ALL abortion law MUST (and rightfully so) include provisions for the health of the mother (and I believe the fetus as well) or it is unconstitutional.  I have already said that in this thread.  YOU EVEN QUOTED IT.  Rally mertex, are you even trying?


Mertex said:


> You are naive to the bills that are being pushed.  If exceptions to rape/incest are not part of the bill, then late term abortions for these situations will not be allowed.  If a child of incest gets pregnant, she may not even know she is pregnant, or if she does know, may not tell anyone that she is pregnant, and if her life is at risk, it doesn't matter at what point it is found out, she should be allowed to abort.  Her life is certainly more important than the fetuses life.
> 
> 
> TOPEKA, Kan. (AP) - Kansas House members on Tuesday *gave first-round approval to sweeping new restrictions on abortion after refusing to add exceptions that would allow victims of incest or rape -- including children who are raped -- to get late-term abortions*.
> Read more: Kan.

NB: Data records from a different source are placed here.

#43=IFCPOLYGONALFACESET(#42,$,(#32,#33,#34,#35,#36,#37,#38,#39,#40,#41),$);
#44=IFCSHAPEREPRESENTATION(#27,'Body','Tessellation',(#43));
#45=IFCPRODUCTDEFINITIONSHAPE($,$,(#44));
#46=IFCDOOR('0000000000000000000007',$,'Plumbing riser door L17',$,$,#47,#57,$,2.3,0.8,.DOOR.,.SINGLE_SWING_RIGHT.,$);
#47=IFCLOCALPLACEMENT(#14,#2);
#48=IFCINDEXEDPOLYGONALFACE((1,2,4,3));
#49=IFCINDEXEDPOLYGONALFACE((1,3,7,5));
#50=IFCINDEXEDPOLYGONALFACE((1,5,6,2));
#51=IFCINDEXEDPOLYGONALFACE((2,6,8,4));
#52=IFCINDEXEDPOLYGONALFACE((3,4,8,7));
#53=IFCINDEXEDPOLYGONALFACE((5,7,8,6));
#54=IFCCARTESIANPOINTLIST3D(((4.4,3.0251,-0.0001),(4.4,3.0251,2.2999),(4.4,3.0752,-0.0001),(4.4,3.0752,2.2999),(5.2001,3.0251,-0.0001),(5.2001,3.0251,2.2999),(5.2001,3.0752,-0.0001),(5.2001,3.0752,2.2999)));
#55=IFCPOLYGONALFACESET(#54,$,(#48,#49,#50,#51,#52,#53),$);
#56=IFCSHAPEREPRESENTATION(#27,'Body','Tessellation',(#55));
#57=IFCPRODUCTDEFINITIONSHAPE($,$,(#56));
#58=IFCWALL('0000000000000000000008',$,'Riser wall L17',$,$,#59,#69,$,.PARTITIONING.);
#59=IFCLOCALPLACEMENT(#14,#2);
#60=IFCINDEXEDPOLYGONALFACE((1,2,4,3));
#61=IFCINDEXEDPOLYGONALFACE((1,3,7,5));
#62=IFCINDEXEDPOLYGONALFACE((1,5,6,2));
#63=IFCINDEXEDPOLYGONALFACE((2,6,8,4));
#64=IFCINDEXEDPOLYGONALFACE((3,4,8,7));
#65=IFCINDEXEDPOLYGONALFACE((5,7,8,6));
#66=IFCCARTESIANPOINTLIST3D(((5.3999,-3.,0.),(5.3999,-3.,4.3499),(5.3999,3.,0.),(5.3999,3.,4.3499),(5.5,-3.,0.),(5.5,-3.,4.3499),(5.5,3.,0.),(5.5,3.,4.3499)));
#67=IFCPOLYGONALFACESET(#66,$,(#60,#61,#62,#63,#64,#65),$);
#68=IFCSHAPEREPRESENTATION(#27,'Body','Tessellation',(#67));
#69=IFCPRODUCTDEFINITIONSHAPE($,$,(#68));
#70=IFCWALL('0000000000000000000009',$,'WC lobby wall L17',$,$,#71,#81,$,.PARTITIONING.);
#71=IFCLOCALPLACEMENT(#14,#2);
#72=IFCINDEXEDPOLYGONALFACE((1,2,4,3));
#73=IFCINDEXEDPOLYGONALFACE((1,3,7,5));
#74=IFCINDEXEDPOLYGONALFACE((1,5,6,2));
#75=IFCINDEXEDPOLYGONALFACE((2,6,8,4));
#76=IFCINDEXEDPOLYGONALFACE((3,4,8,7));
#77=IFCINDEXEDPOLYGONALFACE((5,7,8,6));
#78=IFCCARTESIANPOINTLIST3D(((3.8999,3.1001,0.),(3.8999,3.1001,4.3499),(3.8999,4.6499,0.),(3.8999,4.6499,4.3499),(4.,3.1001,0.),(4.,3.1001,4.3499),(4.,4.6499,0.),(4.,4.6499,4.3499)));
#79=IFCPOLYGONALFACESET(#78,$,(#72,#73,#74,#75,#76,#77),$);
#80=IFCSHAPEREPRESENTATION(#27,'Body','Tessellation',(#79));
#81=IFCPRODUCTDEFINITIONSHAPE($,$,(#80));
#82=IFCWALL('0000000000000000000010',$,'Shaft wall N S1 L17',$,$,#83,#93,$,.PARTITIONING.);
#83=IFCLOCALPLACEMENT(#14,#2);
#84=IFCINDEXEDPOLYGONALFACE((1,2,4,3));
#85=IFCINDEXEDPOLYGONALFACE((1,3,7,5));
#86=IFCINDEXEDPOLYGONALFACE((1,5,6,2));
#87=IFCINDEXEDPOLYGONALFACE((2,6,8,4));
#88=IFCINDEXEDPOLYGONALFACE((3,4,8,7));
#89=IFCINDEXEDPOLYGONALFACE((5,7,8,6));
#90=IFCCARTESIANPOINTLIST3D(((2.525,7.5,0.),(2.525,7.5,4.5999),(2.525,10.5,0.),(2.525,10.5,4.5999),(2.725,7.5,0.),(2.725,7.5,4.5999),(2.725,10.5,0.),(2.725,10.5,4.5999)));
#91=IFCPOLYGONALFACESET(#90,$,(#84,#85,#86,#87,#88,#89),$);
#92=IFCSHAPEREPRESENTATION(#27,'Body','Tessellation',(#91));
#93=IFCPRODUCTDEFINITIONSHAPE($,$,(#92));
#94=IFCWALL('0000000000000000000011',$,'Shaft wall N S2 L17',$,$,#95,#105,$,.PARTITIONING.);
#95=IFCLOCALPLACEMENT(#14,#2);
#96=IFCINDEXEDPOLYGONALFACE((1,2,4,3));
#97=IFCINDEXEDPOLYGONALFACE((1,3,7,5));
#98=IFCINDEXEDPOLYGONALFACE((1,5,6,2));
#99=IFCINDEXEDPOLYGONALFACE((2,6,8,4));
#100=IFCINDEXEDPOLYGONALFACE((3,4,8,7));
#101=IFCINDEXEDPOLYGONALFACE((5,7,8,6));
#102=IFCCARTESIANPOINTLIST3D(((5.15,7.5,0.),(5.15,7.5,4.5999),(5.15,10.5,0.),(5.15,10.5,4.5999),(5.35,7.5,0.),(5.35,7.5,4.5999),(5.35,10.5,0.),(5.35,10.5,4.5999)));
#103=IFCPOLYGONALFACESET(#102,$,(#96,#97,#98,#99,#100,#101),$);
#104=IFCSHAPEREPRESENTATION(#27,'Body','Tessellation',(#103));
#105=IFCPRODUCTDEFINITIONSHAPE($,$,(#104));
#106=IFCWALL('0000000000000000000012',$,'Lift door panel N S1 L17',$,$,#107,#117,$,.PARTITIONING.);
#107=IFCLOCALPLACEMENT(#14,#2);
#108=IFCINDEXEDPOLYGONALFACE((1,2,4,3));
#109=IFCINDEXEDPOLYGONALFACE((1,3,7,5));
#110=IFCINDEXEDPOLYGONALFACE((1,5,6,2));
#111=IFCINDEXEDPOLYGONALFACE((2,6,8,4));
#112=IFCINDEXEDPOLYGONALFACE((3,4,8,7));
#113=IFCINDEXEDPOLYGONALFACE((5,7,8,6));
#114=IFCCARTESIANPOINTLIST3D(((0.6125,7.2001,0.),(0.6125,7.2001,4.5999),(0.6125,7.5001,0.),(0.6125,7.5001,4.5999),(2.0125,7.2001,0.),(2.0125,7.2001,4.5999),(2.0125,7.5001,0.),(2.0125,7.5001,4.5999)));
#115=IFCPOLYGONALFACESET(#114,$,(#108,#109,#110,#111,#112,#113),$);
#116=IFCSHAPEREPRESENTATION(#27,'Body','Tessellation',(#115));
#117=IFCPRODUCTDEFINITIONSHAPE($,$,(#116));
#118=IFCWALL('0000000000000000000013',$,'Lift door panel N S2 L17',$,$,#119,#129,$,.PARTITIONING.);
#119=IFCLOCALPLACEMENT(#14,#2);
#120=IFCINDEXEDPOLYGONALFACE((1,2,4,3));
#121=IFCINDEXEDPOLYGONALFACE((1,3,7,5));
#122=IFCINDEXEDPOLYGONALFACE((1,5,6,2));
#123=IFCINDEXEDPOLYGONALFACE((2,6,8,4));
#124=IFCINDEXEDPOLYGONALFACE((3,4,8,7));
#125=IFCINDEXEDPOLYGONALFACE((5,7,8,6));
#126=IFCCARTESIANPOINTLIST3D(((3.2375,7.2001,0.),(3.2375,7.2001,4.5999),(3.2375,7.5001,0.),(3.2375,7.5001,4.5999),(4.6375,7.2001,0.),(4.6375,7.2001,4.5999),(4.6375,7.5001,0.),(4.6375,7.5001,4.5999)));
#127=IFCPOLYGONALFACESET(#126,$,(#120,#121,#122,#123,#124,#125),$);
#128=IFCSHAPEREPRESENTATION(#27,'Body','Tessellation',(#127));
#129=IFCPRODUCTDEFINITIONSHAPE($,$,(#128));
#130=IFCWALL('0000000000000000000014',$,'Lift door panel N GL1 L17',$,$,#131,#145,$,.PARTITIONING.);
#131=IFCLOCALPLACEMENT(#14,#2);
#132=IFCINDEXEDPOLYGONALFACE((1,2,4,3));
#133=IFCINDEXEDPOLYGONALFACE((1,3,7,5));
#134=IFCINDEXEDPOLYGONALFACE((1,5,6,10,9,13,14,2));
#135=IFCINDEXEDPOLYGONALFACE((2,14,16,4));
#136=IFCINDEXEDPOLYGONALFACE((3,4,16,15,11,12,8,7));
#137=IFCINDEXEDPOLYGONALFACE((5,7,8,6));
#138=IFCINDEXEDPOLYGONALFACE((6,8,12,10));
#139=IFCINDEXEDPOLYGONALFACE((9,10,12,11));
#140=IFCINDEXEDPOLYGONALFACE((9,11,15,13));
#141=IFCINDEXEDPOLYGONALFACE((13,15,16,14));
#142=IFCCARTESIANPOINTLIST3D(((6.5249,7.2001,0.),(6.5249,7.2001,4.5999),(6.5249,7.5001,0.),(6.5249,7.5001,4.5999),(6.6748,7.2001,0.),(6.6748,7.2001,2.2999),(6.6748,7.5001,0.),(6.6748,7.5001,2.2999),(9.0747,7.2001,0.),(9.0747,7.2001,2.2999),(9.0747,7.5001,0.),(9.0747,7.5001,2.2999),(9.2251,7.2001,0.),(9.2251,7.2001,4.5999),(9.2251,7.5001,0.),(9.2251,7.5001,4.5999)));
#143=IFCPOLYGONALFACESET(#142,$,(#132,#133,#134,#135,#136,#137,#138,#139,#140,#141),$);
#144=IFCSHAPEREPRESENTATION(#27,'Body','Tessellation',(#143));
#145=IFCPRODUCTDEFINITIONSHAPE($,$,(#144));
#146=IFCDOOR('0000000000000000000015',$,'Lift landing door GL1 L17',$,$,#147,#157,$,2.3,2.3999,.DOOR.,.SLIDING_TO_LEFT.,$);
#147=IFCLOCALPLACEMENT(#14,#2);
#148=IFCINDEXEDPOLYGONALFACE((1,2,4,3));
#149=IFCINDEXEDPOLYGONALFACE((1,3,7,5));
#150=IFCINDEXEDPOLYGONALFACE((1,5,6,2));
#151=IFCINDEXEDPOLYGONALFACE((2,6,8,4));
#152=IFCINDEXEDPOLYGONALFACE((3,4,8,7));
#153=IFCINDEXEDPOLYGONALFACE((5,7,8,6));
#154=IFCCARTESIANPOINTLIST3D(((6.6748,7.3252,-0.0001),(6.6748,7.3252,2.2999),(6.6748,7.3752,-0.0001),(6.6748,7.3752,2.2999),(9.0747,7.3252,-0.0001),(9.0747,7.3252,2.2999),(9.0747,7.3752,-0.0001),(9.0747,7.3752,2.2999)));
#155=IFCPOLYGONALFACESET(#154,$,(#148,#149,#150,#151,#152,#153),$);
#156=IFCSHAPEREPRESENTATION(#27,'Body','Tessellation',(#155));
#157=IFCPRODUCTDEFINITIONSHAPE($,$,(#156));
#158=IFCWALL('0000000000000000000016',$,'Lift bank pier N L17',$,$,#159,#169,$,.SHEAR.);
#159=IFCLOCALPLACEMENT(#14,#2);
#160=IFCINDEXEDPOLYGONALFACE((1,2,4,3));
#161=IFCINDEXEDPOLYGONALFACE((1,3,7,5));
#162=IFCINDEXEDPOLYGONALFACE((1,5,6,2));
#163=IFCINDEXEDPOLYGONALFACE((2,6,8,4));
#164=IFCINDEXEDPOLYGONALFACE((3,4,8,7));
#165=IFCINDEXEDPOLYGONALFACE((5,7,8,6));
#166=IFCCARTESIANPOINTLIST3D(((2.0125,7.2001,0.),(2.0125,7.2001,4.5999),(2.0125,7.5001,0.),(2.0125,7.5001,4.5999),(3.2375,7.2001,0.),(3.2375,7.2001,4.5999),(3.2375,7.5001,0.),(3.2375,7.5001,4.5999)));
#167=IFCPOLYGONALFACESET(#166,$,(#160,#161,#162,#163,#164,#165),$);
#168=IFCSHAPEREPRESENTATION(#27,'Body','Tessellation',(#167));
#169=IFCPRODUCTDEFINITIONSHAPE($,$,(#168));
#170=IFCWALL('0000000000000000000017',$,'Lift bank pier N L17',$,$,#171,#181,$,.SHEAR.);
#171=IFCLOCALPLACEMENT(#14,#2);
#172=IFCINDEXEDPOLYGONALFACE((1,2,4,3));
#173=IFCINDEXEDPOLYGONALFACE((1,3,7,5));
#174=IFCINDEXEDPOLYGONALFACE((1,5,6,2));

House rejects rape, incest exceptions for abortion






Mertex said:


> > The only abortions that must be allowed after that point is when the life of the mother is at risk or there are other significant problems with the pregnancy.
> 
> 
> You are not paying attention to what I am saying.  Some of the bills being passed by some of the states do not make exceptions for the life of the woman being at risk. (See link ab ove).  In other words, it won't matter if her life is at risk, if it is past the 20 weeks nobody will be allowed to abort.  That is what is a problem that I object to.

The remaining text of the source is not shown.